Extended infrared photoresponse in room-temperature Si hyperdoped with Te

Presently, room-temperature infrared sub-band-gap photoresponse in Si is of great interest for the development of on-chip complementary-metal-oxide-semiconductor (CMOS)-compatible photonic platforms [1]. One of the most promising approaches to further extend the photoresponse of Si to the mid- and far-infrared (MIR/FIR) ranges consists of introducing deep-level dopants into the Si band gap at concentrations in excess of the solid solubility limit [2]. In this work, we demonstrate strong room-temperature sub-band-gap photoresponse of photodiodes based on Si hyperdoped with tellurium [3]. A CMOS-compatible approach of combining ion implantation with pulsed laser melting was applied to synthesize single-crystalline and epitaxial Te-hyperdoped Si layers with a Te concentration five orders of magnitude above the solid solubility limit.
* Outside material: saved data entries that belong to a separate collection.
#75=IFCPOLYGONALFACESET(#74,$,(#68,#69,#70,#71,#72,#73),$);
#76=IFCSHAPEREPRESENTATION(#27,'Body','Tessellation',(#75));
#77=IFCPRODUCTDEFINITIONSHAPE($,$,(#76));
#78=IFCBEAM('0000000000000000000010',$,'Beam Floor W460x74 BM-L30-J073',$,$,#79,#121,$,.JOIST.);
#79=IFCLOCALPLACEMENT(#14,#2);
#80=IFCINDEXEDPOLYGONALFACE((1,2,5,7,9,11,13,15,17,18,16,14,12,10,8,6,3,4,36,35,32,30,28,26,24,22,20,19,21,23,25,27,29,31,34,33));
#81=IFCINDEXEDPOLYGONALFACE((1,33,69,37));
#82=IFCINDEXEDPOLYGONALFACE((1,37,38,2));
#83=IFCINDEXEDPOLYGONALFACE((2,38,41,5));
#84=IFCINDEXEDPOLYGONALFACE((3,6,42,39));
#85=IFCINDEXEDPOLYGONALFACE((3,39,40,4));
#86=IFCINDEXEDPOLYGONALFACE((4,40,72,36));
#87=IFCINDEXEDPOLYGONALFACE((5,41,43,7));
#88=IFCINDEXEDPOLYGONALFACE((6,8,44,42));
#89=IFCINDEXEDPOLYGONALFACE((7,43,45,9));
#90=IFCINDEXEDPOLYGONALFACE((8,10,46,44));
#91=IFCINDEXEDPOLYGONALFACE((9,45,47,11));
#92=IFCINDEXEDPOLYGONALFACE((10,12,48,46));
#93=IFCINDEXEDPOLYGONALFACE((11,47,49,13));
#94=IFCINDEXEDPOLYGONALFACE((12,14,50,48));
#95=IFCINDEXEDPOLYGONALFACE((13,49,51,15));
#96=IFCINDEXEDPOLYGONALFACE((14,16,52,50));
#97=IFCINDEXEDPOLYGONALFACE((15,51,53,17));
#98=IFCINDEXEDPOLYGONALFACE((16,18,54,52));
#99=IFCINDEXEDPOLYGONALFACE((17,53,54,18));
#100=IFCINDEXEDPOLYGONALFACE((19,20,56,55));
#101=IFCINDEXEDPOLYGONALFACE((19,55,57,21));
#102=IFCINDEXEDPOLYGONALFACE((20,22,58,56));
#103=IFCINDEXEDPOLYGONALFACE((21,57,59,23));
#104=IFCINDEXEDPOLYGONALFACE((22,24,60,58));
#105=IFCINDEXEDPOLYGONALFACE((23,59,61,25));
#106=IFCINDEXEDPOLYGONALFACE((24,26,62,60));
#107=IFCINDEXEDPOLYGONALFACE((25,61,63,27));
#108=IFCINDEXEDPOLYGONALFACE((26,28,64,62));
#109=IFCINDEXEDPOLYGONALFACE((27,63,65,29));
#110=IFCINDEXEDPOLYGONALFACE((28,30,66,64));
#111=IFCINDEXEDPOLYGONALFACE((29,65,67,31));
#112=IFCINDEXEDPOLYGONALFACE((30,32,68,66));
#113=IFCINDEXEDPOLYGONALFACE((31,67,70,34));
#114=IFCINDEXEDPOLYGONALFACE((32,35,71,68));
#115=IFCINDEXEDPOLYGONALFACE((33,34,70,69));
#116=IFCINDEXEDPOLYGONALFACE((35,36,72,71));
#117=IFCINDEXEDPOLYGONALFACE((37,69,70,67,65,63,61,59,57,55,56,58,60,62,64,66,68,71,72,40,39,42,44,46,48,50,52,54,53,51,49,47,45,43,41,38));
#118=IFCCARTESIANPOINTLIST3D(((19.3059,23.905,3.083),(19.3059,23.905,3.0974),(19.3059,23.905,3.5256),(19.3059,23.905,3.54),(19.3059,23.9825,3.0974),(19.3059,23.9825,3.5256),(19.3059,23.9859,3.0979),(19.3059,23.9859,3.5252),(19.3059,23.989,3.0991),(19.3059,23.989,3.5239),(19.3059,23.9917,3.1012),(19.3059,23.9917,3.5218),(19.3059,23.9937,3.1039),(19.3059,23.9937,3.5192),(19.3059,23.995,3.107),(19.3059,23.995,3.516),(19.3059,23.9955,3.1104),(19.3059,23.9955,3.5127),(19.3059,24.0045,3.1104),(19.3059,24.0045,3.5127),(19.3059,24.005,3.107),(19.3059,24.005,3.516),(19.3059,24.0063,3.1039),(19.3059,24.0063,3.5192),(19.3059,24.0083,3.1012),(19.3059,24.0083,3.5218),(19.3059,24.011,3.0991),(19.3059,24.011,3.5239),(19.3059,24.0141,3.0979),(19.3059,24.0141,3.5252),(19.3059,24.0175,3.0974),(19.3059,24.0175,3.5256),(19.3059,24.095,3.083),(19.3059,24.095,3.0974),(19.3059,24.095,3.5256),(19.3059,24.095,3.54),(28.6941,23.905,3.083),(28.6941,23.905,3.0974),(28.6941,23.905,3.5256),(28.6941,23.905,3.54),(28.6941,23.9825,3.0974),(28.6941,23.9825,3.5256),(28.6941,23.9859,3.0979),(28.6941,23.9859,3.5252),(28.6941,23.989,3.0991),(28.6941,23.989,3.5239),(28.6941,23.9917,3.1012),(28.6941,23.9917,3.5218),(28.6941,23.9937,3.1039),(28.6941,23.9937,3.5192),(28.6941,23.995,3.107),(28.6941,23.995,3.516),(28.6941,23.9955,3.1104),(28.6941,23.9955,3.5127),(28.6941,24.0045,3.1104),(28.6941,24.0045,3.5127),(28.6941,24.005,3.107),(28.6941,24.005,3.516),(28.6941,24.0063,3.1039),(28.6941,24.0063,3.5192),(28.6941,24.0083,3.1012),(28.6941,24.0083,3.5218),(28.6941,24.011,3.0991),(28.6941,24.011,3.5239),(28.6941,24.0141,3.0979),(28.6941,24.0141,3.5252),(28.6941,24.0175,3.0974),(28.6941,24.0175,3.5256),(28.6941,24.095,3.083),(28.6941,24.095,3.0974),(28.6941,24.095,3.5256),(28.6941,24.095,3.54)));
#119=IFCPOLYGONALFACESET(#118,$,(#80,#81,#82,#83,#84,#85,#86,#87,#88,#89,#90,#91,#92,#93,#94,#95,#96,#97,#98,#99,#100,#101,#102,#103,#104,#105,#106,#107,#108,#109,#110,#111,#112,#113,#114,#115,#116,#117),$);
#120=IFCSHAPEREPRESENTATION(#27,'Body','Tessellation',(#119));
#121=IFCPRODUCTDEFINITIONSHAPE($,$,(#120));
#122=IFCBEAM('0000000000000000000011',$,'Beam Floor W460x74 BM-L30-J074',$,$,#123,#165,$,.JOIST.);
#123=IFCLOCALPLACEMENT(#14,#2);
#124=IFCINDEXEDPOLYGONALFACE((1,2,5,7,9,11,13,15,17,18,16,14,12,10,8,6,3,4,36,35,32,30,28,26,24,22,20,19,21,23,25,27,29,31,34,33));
Driven by increasing Te concentration, both the insulator-to-metal transition and a band-gap renormalization are observed. The sub-band optical absorptance in the resulting Te-hyperdoped Si layers is found to increase monotonically with increasing Te concentration and extends well into the MIR/FIR ranges (1.4 to 25 μm). Importantly, the MIR/FIR optoelectronic response from Te-hyperdoped Si photodiodes is demonstrated to be related with known Te deep-energy levels into the Si band-gap. This work contributes to pave the way towards establishing a Si-based broadband infrared photonic system operating at room temperature.